Ulrich Seidl beim Odessa International Film Festival (2013)
Ulrich Seidl ( Österreichischer Filmpreis 2013)

Ulrich Seidl (* 24. November 1952 in Wien) ist ein österreichischer Filmregisseur, Drehbuchautor und Produzent.

Leben und Werk

Seidl – aufgewachsen im niederösterreichischen Horn in einer streng religiösen Ärztefamilie – sollte Priester werden.[1] Für Dokumentarfilme wie Good News, Tierische Liebe, Models oder Jesus, du weißt erhielt er zahlreiche internationale Auszeichnungen.

Models stellt den Alltag zweitklassiger österreichischer Models dar, die zwischen Club, Wohnung und Katalog-Shooting versuchen, ein Leben voller Glamour zu führen und mit betonter Oberflächlichkeit und Kokainkonsum auf sexistische Fotografen und enttäuschende Beziehungen reagieren. In Slowenien wurde der drastische Film beschlagnahmt.

Tierische Liebe porträtiert Tierfreunde, die mit ihren Haustieren seltsam intime emotionale Beziehungen pflegen.

2001 veröffentlichte er mit Hundstage seinen ersten Spielfilm, in dem auch Profidarsteller zum Einsatz kommen. Er wurde in Venedig mit dem Großen Preis der Jury ausgezeichnet und erzielte international rund 250.000 Kinobesuche.[2]

2003 gründete er die Ulrich Seidl Filmproduktion GmbH und tritt seitdem auch als Produzent seiner Filme auf. Mit Import Export war er 2007 im Wettbewerb der 60. Filmfestspiele von Cannes vertreten.

2012 stellte Seidl mit Paradies: Liebe den ersten Teil seiner Paradies-Trilogie fertig, die von drei Frauen einer Familie erzählen soll, die getrennt voneinander ihre Urlaube verbringen. Die weiteren Teile handeln von einer missionierenden Katholikin (Paradies: Glaube) und einer Jugendlichen in einem Diät-Camp (Paradies: Hoffnung). In Paradies: Liebe ist Margarethe Tiesel als Sextouristin zu sehen, die von Österreich nach Kenia reist, um dort von jungen schwarzen Männern Liebe zu erfahren. Für diesen Film erhielt Seidl 2012 seine zweite Einladung in den Wettbewerb der Internationalen Filmfestspiele von Cannes.[3] Bei der Verleihung des Österreichischen Filmpreises wurde er als beste Filmproduktion sowie in den Kategorien Regie und Darstellerin (Margarethe Tiesel) ausgezeichnet. Im selben Jahr wurde Seidl für den zweiten Teil seiner Trilogie, Paradies: Glaube, in den Wettbewerb der Internationalen Filmfestspiele von Venedig eingeladen. Der Film handelt von einer alleinstehenden Frau Maria Hofstätter, die in ihrem Urlaub mit einer „Wandermuttergottes-Statue“ von Haus zu Haus geht, um Österreich katholischer zu machen. Zu Hause entwickelt sich ein Kleinkrieg um Ehe und Religion, als ihr auf einen Rollstuhl angewiesener Ehemann, ein ägyptischer Moslem, nach Jahren der Abwesenheit wieder zu ihr zurückkehrt.[4] Der letzte Trilogie-Teil Paradies: Hoffnung erhielt eine Einladung in den Wettbewerb der 63. Internationalen Filmfestspiele Berlin.
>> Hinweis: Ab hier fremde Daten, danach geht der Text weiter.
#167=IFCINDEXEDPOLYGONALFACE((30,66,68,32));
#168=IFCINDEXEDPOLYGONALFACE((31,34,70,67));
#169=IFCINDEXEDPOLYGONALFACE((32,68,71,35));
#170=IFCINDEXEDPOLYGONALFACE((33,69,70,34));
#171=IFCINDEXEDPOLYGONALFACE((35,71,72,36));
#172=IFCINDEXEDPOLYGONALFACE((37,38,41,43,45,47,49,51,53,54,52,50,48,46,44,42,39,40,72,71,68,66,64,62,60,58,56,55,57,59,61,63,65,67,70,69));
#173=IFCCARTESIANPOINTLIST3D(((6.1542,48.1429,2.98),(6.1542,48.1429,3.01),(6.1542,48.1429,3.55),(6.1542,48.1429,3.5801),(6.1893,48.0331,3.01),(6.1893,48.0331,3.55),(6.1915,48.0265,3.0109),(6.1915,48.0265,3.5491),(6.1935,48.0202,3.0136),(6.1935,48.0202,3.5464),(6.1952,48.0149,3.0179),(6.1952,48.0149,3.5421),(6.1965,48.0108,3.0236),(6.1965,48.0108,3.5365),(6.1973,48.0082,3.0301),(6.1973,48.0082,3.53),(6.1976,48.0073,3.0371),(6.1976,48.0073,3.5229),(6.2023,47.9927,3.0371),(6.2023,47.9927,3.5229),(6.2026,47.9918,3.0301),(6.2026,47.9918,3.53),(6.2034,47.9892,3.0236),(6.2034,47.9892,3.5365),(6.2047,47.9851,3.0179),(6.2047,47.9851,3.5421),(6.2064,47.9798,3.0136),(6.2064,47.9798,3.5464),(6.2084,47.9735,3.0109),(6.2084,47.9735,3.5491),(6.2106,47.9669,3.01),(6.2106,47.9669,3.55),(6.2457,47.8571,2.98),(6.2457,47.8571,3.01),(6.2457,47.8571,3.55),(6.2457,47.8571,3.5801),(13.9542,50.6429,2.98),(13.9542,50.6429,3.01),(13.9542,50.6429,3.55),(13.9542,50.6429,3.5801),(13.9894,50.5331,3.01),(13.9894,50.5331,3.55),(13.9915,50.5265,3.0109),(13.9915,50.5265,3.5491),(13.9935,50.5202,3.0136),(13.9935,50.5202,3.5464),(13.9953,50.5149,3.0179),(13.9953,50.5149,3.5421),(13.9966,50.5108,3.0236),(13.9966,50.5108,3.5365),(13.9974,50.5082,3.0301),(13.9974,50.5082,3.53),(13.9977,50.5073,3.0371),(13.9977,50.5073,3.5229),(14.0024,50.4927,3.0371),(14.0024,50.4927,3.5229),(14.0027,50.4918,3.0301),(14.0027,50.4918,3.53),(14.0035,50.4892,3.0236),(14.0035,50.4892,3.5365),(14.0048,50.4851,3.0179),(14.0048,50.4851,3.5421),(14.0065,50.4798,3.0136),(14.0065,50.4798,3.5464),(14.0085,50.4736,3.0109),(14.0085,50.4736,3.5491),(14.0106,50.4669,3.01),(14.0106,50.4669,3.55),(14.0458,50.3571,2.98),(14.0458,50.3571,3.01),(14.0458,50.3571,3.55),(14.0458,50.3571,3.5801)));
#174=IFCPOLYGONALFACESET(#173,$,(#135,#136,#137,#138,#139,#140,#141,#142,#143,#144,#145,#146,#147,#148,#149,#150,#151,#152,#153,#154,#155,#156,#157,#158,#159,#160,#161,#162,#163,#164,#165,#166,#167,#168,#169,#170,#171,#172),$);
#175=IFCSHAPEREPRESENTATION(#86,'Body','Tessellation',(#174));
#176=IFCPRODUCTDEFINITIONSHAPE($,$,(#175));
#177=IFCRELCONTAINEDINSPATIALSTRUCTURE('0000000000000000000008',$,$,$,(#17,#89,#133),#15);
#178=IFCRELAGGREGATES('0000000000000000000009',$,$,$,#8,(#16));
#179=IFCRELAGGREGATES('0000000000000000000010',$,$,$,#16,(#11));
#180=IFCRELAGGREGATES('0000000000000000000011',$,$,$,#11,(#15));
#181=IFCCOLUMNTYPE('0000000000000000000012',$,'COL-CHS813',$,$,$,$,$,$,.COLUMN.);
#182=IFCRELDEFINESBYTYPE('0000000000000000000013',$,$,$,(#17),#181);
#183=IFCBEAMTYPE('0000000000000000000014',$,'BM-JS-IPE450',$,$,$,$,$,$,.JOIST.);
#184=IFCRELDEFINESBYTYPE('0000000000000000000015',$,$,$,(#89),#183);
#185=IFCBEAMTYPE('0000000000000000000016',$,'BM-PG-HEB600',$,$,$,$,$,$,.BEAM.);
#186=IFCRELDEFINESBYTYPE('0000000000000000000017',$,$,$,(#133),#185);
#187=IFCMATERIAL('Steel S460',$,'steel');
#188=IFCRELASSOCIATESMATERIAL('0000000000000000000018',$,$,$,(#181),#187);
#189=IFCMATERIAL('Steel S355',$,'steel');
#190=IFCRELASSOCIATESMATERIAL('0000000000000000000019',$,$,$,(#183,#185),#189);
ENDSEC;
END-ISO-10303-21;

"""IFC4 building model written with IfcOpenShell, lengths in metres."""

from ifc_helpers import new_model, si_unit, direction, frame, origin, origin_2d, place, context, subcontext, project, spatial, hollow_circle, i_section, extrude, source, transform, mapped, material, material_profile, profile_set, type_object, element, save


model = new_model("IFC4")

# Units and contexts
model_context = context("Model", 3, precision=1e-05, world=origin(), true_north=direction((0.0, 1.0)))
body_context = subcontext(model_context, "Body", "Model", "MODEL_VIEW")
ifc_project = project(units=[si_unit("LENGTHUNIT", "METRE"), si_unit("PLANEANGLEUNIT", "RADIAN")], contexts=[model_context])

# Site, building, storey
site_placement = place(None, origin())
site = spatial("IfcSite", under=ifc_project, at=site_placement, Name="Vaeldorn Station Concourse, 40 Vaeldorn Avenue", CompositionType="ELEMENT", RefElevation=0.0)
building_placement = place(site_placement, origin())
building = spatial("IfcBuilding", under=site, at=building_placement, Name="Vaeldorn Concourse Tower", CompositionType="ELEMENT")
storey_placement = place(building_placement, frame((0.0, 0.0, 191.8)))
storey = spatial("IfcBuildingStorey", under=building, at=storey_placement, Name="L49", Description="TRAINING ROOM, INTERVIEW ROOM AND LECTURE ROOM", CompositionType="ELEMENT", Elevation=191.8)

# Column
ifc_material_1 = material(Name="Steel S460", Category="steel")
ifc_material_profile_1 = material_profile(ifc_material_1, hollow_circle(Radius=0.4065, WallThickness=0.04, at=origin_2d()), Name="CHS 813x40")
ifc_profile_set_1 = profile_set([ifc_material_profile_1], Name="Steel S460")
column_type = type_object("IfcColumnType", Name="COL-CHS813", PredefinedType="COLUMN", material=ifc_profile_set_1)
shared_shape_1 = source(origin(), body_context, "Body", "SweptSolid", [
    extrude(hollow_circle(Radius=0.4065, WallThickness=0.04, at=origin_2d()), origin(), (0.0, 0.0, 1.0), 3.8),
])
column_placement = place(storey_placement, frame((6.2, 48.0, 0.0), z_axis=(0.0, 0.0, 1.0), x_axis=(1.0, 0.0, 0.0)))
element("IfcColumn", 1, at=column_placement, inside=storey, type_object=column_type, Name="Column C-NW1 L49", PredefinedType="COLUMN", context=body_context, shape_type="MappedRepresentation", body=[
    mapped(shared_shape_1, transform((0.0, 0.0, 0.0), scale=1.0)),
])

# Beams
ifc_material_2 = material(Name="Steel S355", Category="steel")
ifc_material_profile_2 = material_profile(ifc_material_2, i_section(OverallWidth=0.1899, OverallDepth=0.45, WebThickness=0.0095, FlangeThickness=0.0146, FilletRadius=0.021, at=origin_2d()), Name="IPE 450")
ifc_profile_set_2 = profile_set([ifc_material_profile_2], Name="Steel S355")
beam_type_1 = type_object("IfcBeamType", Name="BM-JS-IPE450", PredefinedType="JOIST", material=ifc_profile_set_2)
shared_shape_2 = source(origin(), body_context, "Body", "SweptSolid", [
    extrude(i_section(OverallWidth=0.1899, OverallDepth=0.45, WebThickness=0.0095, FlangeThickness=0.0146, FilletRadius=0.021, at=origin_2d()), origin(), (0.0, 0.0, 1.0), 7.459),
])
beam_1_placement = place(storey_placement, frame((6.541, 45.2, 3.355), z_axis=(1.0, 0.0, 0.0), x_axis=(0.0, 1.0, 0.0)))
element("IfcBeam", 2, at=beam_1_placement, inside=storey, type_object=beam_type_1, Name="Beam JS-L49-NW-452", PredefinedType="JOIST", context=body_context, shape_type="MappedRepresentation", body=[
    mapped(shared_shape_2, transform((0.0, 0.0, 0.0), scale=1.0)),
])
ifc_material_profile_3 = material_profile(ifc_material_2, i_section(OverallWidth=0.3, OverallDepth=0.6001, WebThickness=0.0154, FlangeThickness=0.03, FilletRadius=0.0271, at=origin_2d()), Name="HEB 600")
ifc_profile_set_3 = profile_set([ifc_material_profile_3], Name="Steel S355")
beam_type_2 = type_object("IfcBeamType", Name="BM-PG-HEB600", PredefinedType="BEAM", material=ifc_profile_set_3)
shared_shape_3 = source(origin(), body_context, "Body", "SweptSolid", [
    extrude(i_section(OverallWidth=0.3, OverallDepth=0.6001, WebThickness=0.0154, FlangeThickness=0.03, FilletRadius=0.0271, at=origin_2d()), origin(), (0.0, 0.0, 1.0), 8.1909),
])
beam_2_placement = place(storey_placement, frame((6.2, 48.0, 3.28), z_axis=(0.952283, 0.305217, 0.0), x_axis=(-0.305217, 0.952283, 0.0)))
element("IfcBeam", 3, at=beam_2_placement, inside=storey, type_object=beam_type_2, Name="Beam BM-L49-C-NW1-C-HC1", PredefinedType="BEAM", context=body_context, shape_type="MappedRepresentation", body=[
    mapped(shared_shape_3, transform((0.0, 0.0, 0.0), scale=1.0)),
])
Der Film Im Keller zeigt neben anderen Szenen Männer, die sich in einem mit Nazi-Devotionalien gespickten Keller in Marz treffen, und löste den Rücktritt von zwei der Gefilmten als Gemeinderatsmandatare der ÖVP aus.[5] Zusammen mit seiner Frau Veronika Franz produzierte er 2014 den Horrorfilm Ich seh Ich seh[6], in dem die Zwillinge Elias Schwarz und Lukas Schwarz die Hauptrollen übernahmen.[7] Seine Ehefrau übernahm zudem, an der Seite von Seidls Neffen Severin Fiala die Regie des Films.[8][9][10][11]

Ulrich Seidl ist mit der Journalistin und Drehbuchautorin Veronika Franz (* 1965) verheiratet. Veronika Franz war bisher bei allen Seidl-Filmen seit Bilder einer Ausstellung als Co-Autorin, Regieassistentin und Casterin beteiligt. Das Paar lebt in Wien und hat zwei Kinder.[12]

Ulrich Seidl hat mit den Jahren ein Naheverhältnis zum Filmclub Drosendorf entwickelt und einen Zweitwohnsitz in Drosendorf. Die Premiere von Hundstage fand hier beim Filmclub statt.[13]

Stil

Logo von Seidls Produktionsfirma

Sein filmischer Stil erinnert oft an TV-Doku-Dramen. Dabei soll ein inszeniertes (Laien-)Schauspiel wie die dokumentierte Realität wirken. Doch ist Seidl in seinen oft langen und distanzierten Einstellungen weit poetischer und zurückhaltender.[14] Sein Zugang zum Film ist der Dokumentarfilm bzw. das Dokumentarische im Film.

Vielen gilt er als Extremfilmer, weil er „mit radikaler Aufgeschlossenheit […] die Einsamen und Hässlichen, die Außenseiter und Deformierten der Gesellschaft…“ porträtiert.[1]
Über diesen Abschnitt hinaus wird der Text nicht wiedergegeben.